Today
Jakarta

Wed, 04/09/2008 11:22 AM | Opinion
Increasingly heavy burdens inflicted on Indonesians by tobacco-related diseases and deaths have made it imperative for the government to ratify the World Health Organization's (WHO) Framework Convention on Tobacco Control (FCTC) that severely restricts cigarette marketing and advertising.
It is saddening to report that Indonesia and North Korea are the only countries in Asia that have yet to sign the WHO anti-tobacco pact.
It is no wonder the country has remained a haven for cigarette companies where cigarette producers are among the most profitable companies, and owners of the biggest firms are among the wealthiest families not only in the Indonesia but in Southeast Asia.
Support for the pact could kick start a massive anti-smoking campaign nationwide because the convention imposes stringent restrictions on cigarette sales, marketing, advertising and strict codes on labeling and packaging.
Thailand, which has ratified the WHO tobacco control convention, severely restricts cigarette sales and prohibits them from being displayed in shop windows, instead demanding they be kept under shop counters. The government also demands cigarette packets display gruesome pictures of smoking-induced diseases.
However, with almost 30 percent of House members cigarette addicts and sitting in plain sight of the powerful cigarette industry lobby building, there is little hope for subscription to the convention in the near future despite the necessity for anti-smoking campaigns amid a nationwide health crisis.
Tobacco control is all about health protection.
There is not a single law that prohibits the government from issuing and enforcing regulations on tobacco control through restrictions on sales, advertisements or establishments.
Anti-tobacco lobbyists have estimated one third of Indonesians, or 76.7 million people, smoke, bolstered by a climate free of restrictions on advertising, sales to young people and public smoking places. Indonesia is the world's fifth largest cigarette producer.
Yet more tragic is that almost all surveys have concluded the majority of heavy smokers are poor and under-educated people who often spend as much as 15 percent of their daily income on cigarettes.
A study made for WHO in 2006 estimated 25 percent of all male deaths in Indonesia would be smoking related within ten years. What makes smoking a very serious threat to health, including that of passive smokers, is the fact that 90 percent of cigarettes smoked in the country are clove-blended cigarettes (kretek) which, according to scientists, deliver double the nicotine and tar of conventional tobacco cigarettes.

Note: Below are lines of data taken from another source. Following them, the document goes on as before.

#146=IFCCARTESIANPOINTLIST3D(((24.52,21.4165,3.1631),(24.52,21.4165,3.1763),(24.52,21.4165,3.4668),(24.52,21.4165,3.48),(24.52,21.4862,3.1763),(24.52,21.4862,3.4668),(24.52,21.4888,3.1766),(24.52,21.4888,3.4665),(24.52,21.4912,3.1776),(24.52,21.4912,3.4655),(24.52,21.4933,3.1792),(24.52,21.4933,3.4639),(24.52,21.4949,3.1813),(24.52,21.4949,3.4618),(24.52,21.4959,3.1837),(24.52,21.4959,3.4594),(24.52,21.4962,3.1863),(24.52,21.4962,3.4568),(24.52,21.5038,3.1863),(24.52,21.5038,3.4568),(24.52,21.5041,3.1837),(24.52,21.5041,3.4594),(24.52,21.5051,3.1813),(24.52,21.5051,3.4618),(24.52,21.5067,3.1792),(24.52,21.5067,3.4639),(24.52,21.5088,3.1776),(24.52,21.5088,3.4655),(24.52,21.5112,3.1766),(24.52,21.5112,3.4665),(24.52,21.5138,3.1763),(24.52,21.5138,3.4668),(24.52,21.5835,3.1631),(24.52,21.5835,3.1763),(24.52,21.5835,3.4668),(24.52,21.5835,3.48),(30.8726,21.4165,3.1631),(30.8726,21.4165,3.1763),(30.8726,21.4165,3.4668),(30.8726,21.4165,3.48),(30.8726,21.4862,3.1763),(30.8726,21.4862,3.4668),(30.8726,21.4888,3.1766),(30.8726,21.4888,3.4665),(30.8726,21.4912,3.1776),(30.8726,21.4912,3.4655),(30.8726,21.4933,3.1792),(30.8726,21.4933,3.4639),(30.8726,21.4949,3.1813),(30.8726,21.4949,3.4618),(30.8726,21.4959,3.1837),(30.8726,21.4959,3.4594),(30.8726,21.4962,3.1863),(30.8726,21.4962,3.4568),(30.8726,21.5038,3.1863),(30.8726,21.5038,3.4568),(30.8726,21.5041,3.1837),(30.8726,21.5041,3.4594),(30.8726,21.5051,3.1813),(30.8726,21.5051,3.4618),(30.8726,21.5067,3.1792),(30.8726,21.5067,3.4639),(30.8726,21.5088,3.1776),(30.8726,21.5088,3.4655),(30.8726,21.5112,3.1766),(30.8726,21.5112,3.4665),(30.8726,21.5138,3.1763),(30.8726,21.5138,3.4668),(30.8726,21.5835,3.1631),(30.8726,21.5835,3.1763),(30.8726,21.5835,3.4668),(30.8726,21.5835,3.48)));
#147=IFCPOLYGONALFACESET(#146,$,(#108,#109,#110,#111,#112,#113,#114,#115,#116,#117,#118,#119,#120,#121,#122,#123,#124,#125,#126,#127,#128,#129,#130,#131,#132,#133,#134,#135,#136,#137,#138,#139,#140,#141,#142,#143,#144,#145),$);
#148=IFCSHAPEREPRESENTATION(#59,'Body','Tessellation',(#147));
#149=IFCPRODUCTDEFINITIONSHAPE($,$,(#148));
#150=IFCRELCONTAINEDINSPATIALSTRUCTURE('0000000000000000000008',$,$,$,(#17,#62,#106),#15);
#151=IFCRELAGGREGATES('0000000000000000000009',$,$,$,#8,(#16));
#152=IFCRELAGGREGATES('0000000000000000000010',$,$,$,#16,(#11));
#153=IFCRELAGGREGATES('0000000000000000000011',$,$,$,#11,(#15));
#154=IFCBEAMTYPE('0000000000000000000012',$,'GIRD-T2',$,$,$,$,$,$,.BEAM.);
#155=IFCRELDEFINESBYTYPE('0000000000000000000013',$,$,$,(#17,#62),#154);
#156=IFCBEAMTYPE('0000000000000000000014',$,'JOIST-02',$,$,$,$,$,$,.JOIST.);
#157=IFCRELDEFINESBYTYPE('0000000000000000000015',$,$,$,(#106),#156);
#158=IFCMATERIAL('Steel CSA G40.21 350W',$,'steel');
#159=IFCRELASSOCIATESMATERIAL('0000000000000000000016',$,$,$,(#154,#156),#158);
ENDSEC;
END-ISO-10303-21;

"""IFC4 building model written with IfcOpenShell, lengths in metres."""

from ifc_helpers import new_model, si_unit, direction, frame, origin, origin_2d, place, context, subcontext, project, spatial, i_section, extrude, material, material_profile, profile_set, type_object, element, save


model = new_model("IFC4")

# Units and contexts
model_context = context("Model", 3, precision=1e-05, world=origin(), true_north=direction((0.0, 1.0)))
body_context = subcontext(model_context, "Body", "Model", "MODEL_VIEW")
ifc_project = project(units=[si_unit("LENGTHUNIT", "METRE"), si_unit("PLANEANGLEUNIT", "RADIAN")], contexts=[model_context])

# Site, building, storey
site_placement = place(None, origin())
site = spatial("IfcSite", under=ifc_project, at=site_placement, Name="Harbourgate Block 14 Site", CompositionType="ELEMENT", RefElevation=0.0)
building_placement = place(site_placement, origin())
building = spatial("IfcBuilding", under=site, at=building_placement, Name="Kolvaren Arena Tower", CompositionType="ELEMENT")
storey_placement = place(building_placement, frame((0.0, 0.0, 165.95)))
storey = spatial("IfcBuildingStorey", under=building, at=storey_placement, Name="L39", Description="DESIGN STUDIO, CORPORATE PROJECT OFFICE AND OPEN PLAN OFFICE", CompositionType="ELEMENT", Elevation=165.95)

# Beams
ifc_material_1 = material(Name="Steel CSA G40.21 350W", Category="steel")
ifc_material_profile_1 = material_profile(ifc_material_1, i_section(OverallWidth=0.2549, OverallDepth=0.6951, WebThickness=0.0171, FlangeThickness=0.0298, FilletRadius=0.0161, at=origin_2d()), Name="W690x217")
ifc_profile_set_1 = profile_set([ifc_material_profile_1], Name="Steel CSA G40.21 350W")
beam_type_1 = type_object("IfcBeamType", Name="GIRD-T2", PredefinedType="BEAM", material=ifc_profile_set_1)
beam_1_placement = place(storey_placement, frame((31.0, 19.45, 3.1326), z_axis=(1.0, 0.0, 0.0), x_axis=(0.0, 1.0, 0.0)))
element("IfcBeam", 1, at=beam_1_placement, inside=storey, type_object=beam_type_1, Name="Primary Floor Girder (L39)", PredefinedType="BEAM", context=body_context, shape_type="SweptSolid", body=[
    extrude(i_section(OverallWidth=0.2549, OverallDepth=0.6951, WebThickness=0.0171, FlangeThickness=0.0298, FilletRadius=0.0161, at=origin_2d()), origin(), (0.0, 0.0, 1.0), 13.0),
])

Although sales to minors are illegal, the law isn't policed -- schoolboys brazenly smoking in the street is a common sight. The Jakarta municipal government did try to control smoking by enacting a bylaw banning smoking in public buildings, but the same law also still required public facilities to provide smoking rooms or areas.
Worse still, enforcement of the bylaw remains lax. Even the House of Representatives defied the law by allowing its members to light up in the parliamentary chamber.
It is obviously impossible to completely and immediately ban smoking because the habit has engendered heavy addiction, and has entrenched itself into our culture.
It is neither politically or economically possible to immediately impose a complete ban on cigarette production because the industry would respond by going underground, taking it beyond government control and the tax net.
The government needs time and additional resources to help tobacco and clove farmers shift to other crops. Moreover, the government still derives almost 10 percent of its revenues from excise duty and sales taxes on cigarettes and the cigarette industry is still a major employer.
Therefore, the most effective way of mitigating the devastating impact of cigarettes without causing any abrupt negative impact on the economy and fiscal revenues is to conduct a nationwide anti-smoking campaign to make people understand the full risks carried by smoking.
Education should be an integral part of the campaign because smoking has become a deeply-rooted habit, especially among farmers, who are generally oblivious to the effects.
However, an information campaign alone will not be sufficient. It must be supported by properly enforced government regulations that set punitively high prices on cigarettes, completely ban smoking in public buildings and cigarette advertising and require cigarette packages to bear grotesque pictorial health warnings.
T. Cotton, Pattaya Thailand (not verified) — Sun, 04/13/2008 - 5:07pm
With the rising price of food and the reported international shortages of rice, one would think that now would be an IDEAL time for the government of Indonesia to consider the health of its citizens and incentivize farmers to switch from growing tobacco to growing food crops. In the short run, excise tax revenues can actually be increased as part of a strategy to reduce consumption. If advertising were banned, then all the funds the tobacco companies now spend on it will result in increased profits which will generate incresased income taxes going into the governement's coffers while Indonesian roads will be less cluttered with cigarette billboards.
One can only wonder at the tolerance of the Indonesian electorate for a government which accommodates the greed of the tobacco industry and gives the health of its citizens such a low priority.